Sin embargo, el material emocional que me legó durante los tres años en que tuve la oportunidad de pertenecer al coro infantil de mi colegio me ha acompañado a través de Navidades extremadamente felices y otras que preferiría olvidar, pero que fueron llevaderas gracias a la música inolvidable que aprendí a su lado. A los ocho años aprendí villancicos en alemán, en francés, en inglés, en español, canciones hebreas y canciones rusas de balalaicas y negro spirituals del sur de EEUU; pero aprendí también la perseverancia de dedicarse a la música, el estudio de una canción y su significado, los ritmos, el fraseo de un grupo de palabras, los ensayos rigurosos donde no pasábamos de dos compases porque no le rendíamos lo que ella exigía. Entendí la dificultad de rangos de voces, de empalmarlas correctamente. Supe lo que era ser parte de un coro, que no es un grupo de personas gritando, sino que todas las voces deben oírse sin altibajos, como una sola voz homogénea y donde se debe enunciar deliberadamente para que los oyentes puedan escuchar todas las palabras con claridad. Adquirí la responsabilidad de cuidar mi uniforme de acólito blanco y rojo con un gran lazo rojo que me caía sobre el pecho; de llegar en punto y de no faltar a las prácticas, que de dos días a la semana en épocas normales, ascendían a los cinco días escolares antes de un concierto, y por las cuáles debíamos sacrificar otras actividades que también nos gustaban como niños al fin. Pude darme cuenta de lo disciplinados que éramos porque nos llevaban a compartir con el coro de bachillerato y high school, y el coro de los profesores. Me hice parte de una gran celebración escolar que impactó mi niñez y mi concepto de la música y también de la responsabilidad para con los que dependían de mí y de mi palabra.
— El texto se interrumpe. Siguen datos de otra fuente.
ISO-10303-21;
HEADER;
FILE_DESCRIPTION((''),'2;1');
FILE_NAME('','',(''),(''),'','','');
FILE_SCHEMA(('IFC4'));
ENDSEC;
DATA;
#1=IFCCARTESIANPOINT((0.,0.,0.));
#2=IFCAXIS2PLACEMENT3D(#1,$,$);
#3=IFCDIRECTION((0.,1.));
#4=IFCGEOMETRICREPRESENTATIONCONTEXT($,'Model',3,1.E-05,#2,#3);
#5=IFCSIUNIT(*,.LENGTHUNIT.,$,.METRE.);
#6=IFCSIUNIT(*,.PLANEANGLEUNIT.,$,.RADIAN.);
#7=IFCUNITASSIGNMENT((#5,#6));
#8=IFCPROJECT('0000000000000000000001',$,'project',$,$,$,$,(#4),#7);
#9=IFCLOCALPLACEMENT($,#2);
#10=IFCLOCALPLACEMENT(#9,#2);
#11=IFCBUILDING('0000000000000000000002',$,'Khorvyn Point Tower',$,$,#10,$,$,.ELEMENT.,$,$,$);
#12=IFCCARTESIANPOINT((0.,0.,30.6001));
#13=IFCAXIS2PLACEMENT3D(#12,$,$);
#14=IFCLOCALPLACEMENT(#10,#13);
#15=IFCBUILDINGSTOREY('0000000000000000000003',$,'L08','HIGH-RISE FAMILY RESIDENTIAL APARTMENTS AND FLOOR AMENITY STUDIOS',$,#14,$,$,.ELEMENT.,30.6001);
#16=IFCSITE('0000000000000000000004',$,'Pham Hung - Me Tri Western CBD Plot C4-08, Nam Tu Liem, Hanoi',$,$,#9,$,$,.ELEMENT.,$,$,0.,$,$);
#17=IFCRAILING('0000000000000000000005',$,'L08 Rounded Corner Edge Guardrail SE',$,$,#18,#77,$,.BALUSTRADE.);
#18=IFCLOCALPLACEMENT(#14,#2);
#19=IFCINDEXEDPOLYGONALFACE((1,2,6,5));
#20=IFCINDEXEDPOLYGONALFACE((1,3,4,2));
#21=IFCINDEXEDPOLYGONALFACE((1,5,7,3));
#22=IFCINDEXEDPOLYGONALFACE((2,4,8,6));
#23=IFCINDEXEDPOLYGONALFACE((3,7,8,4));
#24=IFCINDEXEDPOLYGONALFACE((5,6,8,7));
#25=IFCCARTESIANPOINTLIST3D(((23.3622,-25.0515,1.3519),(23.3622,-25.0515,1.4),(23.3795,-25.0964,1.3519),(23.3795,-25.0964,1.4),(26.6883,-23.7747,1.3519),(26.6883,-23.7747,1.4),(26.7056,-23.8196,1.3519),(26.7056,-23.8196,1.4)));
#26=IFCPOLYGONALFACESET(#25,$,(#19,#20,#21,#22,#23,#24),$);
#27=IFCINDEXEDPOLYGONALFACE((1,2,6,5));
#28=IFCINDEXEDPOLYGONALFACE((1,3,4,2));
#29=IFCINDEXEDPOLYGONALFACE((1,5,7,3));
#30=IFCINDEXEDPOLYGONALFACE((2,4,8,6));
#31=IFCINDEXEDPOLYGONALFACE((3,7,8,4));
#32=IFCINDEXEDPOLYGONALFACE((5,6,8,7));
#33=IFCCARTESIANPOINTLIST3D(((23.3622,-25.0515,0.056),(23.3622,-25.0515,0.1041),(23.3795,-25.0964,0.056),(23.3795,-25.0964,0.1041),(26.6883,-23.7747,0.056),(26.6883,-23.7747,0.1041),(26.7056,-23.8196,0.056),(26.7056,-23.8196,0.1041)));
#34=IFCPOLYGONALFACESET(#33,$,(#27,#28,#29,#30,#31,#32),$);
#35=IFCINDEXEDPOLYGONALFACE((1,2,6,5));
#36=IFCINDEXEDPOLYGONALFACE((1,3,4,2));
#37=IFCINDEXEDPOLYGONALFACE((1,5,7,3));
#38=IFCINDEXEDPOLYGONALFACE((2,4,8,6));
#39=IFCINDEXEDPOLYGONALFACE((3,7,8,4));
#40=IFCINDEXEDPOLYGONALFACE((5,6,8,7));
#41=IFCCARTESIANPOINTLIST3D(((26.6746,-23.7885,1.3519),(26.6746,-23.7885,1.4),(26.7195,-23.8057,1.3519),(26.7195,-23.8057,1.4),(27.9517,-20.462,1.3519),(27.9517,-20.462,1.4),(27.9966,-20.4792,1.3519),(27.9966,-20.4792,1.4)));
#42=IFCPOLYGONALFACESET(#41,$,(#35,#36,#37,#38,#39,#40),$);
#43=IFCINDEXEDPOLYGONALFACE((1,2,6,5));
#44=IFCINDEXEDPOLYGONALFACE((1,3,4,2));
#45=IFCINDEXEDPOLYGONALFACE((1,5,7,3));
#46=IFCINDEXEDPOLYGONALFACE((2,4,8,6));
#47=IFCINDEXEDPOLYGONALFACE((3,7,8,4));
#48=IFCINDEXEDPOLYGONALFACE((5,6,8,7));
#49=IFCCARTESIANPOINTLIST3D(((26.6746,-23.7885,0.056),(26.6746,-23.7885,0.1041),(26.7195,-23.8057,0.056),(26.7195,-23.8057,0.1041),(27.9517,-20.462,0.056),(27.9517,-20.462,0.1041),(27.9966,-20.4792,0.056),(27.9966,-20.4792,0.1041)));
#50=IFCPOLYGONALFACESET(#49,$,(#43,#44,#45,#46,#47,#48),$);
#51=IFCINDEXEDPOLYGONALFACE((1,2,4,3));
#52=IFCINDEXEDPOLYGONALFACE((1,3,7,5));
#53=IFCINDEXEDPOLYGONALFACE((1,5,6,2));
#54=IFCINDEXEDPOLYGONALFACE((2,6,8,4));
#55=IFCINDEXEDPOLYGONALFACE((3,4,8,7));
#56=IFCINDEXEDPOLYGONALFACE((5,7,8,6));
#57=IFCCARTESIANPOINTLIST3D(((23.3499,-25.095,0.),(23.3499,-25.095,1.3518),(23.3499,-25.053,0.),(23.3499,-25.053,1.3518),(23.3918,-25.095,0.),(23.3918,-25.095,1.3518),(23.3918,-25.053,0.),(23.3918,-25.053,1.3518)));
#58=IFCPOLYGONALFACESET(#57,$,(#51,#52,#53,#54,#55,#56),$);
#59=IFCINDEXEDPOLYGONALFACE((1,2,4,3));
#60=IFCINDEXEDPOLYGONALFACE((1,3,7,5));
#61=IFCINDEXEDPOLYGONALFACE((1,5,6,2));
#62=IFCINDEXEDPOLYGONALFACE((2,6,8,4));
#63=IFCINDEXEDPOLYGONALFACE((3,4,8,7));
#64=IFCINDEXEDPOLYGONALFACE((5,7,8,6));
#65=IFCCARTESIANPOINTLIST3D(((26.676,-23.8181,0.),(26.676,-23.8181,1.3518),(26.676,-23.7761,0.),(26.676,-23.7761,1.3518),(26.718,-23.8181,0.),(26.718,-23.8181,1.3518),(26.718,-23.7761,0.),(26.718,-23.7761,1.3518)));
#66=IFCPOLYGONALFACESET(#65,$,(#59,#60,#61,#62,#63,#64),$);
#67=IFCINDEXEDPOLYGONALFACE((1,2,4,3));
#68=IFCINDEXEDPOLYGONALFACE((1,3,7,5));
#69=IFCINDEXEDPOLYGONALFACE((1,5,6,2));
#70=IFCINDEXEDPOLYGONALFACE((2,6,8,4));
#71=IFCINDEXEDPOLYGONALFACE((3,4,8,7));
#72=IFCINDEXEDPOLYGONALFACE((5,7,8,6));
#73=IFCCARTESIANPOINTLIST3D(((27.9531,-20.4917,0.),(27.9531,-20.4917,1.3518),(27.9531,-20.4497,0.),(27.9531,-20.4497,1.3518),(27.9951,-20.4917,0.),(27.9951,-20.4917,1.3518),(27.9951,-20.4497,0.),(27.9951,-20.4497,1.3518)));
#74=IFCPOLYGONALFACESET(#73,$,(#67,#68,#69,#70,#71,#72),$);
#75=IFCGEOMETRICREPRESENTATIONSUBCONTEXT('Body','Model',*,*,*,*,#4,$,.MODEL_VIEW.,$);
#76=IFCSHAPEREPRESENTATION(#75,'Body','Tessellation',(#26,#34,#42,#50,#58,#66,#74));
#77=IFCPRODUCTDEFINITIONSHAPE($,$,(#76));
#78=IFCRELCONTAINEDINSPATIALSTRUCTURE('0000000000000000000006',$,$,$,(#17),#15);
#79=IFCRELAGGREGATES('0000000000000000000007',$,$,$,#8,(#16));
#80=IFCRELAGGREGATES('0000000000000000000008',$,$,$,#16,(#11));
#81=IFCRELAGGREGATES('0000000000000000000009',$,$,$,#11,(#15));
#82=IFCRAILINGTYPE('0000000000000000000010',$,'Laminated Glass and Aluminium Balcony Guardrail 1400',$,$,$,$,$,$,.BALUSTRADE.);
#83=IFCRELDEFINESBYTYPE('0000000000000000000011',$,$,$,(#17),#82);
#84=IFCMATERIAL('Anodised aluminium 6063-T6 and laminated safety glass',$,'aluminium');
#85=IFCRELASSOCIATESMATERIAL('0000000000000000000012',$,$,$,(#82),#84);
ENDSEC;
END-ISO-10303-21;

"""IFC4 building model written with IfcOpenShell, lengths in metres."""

from ifc_helpers import new_model, si_unit, direction, frame, origin, origin_2d, place, context, subcontext, project, spatial, rectangle, extrude, material, type_object, element, save


model = new_model("IFC4")

# Units and contexts
model_context = context("Model", 3, precision=1e-05, world=origin(), true_north=direction((0.0, 1.0)))
body_context = subcontext(model_context, "Body", "Model", "MODEL_VIEW")
ifc_project = project(units=[si_unit("LENGTHUNIT", "METRE"), si_unit("PLANEANGLEUNIT", "RADIAN")], contexts=[model_context])

# Site, building, storey
site_placement = place(None, origin())
site = spatial("IfcSite", under=ifc_project, at=site_placement, Name="Pham Hung - Me Tri Western CBD Plot C4-08, Nam Tu Liem, Hanoi", CompositionType="ELEMENT", RefElevation=0.0)
building_placement = place(site_placement, origin())
building = spatial("IfcBuilding", under=site, at=building_placement, Name="Khorvyn Point Tower", CompositionType="ELEMENT")
storey_placement = place(building_placement, frame((0.0, 0.0, 30.6001)))
storey = spatial("IfcBuildingStorey", under=building, at=storey_placement, Name="L08", Description="HIGH-RISE FAMILY RESIDENTIAL APARTMENTS AND FLOOR AMENITY STUDIOS", CompositionType="ELEMENT", Elevation=30.6001)

# Railing
ifc_material_1 = material(Name="Anodised aluminium 6063-T6 and laminated safety glass", Category="aluminium")
railing_type = type_object("IfcRailingType", Name="Laminated Glass and Aluminium Balcony Guardrail 1400", PredefinedType="BALUSTRADE", material=ifc_material_1)
railing_1_placement = place(storey_placement, frame((23.3708, -25.074, 0.0)))
element("IfcRailing", 1, at=railing_1_placement, inside=storey, type_object=railing_type, Name="L08 Rounded Corner Edge Guardrail SE", PredefinedType="BALUSTRADE", context=body_context, shape_type="SweptSolid", body=[
    extrude(rectangle(XDim=0.0481, YDim=0.0481, at=origin_2d()), frame((0.0, 0.0, 1.376), z_axis=(0.933575, 0.358382, 0.0), x_axis=(-0.358382, 0.933575, 0.0)), (0.0, 0.0, 1.0), 3.5627),
    extrude(rectangle(XDim=0.0481, YDim=0.0481, at=origin_2d()), frame((0.0, 0.0, 0.0801), z_axis=(0.933575, 0.358382, 0.0), x_axis=(-0.358382, 0.933575, 0.0)), (0.0, 0.0, 1.0), 3.5627),
    extrude(rectangle(XDim=0.0481, YDim=0.0481, at=origin_2d()), frame((3.3262, 1.2769, 1.376), z_axis=(0.358419, 0.933561, 0.0), x_axis=(-0.933561, 0.358419, 0.0)), (0.0, 0.0, 1.0), 3.5632),
    extrude(rectangle(XDim=0.0481, YDim=0.0481, at=origin_2d()), frame((3.3262, 1.2769, 0.0801), z_axis=(0.358419, 0.933561, 0.0), x_axis=(-0.933561, 0.358419, 0.0)), (0.0, 0.0, 1.0), 3.5632),
    extrude(rectangle(XDim=0.042, YDim=0.042, at=origin_2d()), origin(), (0.0, 0.0, 1.0), 1.3518),
    extrude(rectangle(XDim=0.042, YDim=0.042, at=origin_2d()), frame((3.3262, 1.2769, 0.0)), (0.0, 0.0, 1.0), 1.3518),
    extrude(rectangle(XDim=0.042, YDim=0.042, at=origin_2d()), frame((4.6033, 4.6033, 0.0)), (0.0, 0.0, 1.0), 1.3518),
])

save(model, "model.ifc")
¿Y no son acaso nuestras vidas una gran celebración, un gran coro de personas que debemos vivir y trabajar juntas, con amor y responsabilidad, que como los villancicos imperecederos venimos de distintos rincones de la tierra a compartir una misma época del vivir del mundo? En vez de cantar gritando, ¿no sería mejor que todos nos oyéramos al unísono, homogéneamente. El conocido violinista Isaac Stern que además fue quien protegió al Carnegie Hall de ser demolido unos años atrás, dijo una vez algo muy sabio que más o menos resumo así: Los asuntos mundiales de la política y los problemas de los mortales debían conducirse como las grandes orquestas, donde todo el mundo tiene oportunidad de oírse y de ejecutar su parte.
Este año apréndete bien un villancico, el que más te guste. Cántalo con tu familia, o con tu congregación espiritual y deja que sea tu mantra protectora. Recibe la ternura que encierra y la dosis de actitud positiva y de esperanza que tanto necesitamos en la Navidad y en nuestro diario vivir. ¡Muchas bendiciones para todos! ¡Que estas Pascuas vengan llenas de la paz y la comprensión que nos permite unirnos como seres humanos!